Wir trinken einen Schluck von dem edlen Tropfen, Methode Traditionell, das heißt, er ist genau wie Champagner in der Flasche vergoren und gereift. Der Jahrgang, den wir jetzt gerade trinken, war einer der Besten, wenn nicht sogar der Beste überhaupt und die Flaschen, die Vater jetzt noch davon hat, die liegen extra in einem Raritätenkeller (so nennt ihn mein Vater) von dem haben nur er und Mutter einen Schlüssel. Was dort lagert, wird nicht mehr verkauft und nur bei besonderen Anlässen getrunken. Ab und an verschenkt Vater auch an besonders gute Kunden ein oder zwei der Raritäten.

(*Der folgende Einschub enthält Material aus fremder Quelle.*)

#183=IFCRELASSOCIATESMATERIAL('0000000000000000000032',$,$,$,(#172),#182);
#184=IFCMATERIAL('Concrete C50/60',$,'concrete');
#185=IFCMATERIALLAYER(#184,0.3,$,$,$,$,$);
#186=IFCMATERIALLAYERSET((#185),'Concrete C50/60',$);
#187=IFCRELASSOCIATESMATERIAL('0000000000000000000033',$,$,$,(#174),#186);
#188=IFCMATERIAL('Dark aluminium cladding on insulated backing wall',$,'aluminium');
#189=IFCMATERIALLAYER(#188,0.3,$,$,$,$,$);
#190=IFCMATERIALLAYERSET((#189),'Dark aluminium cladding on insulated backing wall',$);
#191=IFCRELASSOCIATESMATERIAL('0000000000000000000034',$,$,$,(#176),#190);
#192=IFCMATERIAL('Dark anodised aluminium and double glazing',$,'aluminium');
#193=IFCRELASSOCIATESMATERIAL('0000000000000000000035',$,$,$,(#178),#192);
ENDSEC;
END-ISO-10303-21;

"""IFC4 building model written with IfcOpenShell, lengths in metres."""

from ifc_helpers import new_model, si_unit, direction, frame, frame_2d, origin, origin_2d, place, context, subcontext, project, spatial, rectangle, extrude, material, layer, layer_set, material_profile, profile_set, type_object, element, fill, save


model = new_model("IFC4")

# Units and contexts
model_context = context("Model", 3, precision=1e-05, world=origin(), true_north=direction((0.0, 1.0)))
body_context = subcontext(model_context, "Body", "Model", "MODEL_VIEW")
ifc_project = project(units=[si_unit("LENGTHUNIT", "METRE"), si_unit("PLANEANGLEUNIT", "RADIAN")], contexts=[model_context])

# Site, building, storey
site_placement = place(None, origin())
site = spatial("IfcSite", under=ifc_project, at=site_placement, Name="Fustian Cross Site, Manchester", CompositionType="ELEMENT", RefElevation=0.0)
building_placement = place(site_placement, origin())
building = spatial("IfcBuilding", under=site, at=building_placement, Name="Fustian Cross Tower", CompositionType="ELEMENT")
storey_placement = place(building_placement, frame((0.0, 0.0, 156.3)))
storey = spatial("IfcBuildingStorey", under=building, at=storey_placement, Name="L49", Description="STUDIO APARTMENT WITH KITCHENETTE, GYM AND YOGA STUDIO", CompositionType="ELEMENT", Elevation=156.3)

„So“, sagt Mutter, „ wie geht denn das jetzt weiter mit euch Beiden, in drei Wochen fangen die Schulferien an, es ist noch sechs Wochen bis Weihnachten und du, Jan, hast dich bei Opa und Oma angemeldet.“ Ich werde rot und mein schlechtes Gewissen meldet sich wieder. „Ich weiß im Moment auch nicht mehr was ich machen soll“, sage ich zerknirscht, „wenn ich jetzt Opa und Oma wieder absage, sind sie sicher traurig und sauer auf mich, wenn ich aber hinfahre, ist mein Schatz sechs Wochen und auch an Weihnachten ganz allein. Das will ich natürlich auch nicht. Was sollen wir denn jetzt machen? Gestern wusste ich ja noch nicht, das die Dinge sich so entwickeln.“

Mama meint: „Überlasst das jetzt mal ruhig mir, ich werde mit Opa reden und wir werden wohl eine Lösung finden, die alle irgendwie zufrieden stellt. Ihr geht jetzt mal die Hausaufgaben machen, dazu müsst ihr wohl erst noch Nelsons Sachen holen. Da könnt ihr Jonathan auch gleich wieder mit zurück nehmen, wenn ihr mit dem Rover rüberfahrt.“ Da die Flasche leer ist, steht auch Papa auf und meint: „Ich geh dann auch noch ein bisschen was tun, wir wollen noch zwei Fässer Cabernet Sauvignon auf Flaschen füllen. Wir haben eine größere Lieferung in die Schweiz vorzubereiten und da muss noch einiges getan werden.“

Jonathan meint: „Die Mittagspause ist eh vorbei, die andern Kinder machen Ihre Hausaufgaben und da kann ich ja gleich mit zum Abfüllen gehen. Mama geht ja nachher auch nach Hause und schaut dann nach den Kindern.“ Zu uns beiden gewandt sagte er: „ Ihr könnt drüben Bescheid sagen, das ich gleich hiergeblieben bin, wenn ihr Nelsons Schulsachen holt.“ Wir beide gehen zum Landrover. Einsteigen und dann …erst mal umarmen, küssen, küssen, küssen …, so, jetzt können wir losfahren. Nach 100 Metern stößt Nelson einen Jubelschrei aus, knufft mich in die Seite, der dreht am Rad vor Freude und Erleichterung. Ich komme vor Mbete‘s  Haus zu Stehen.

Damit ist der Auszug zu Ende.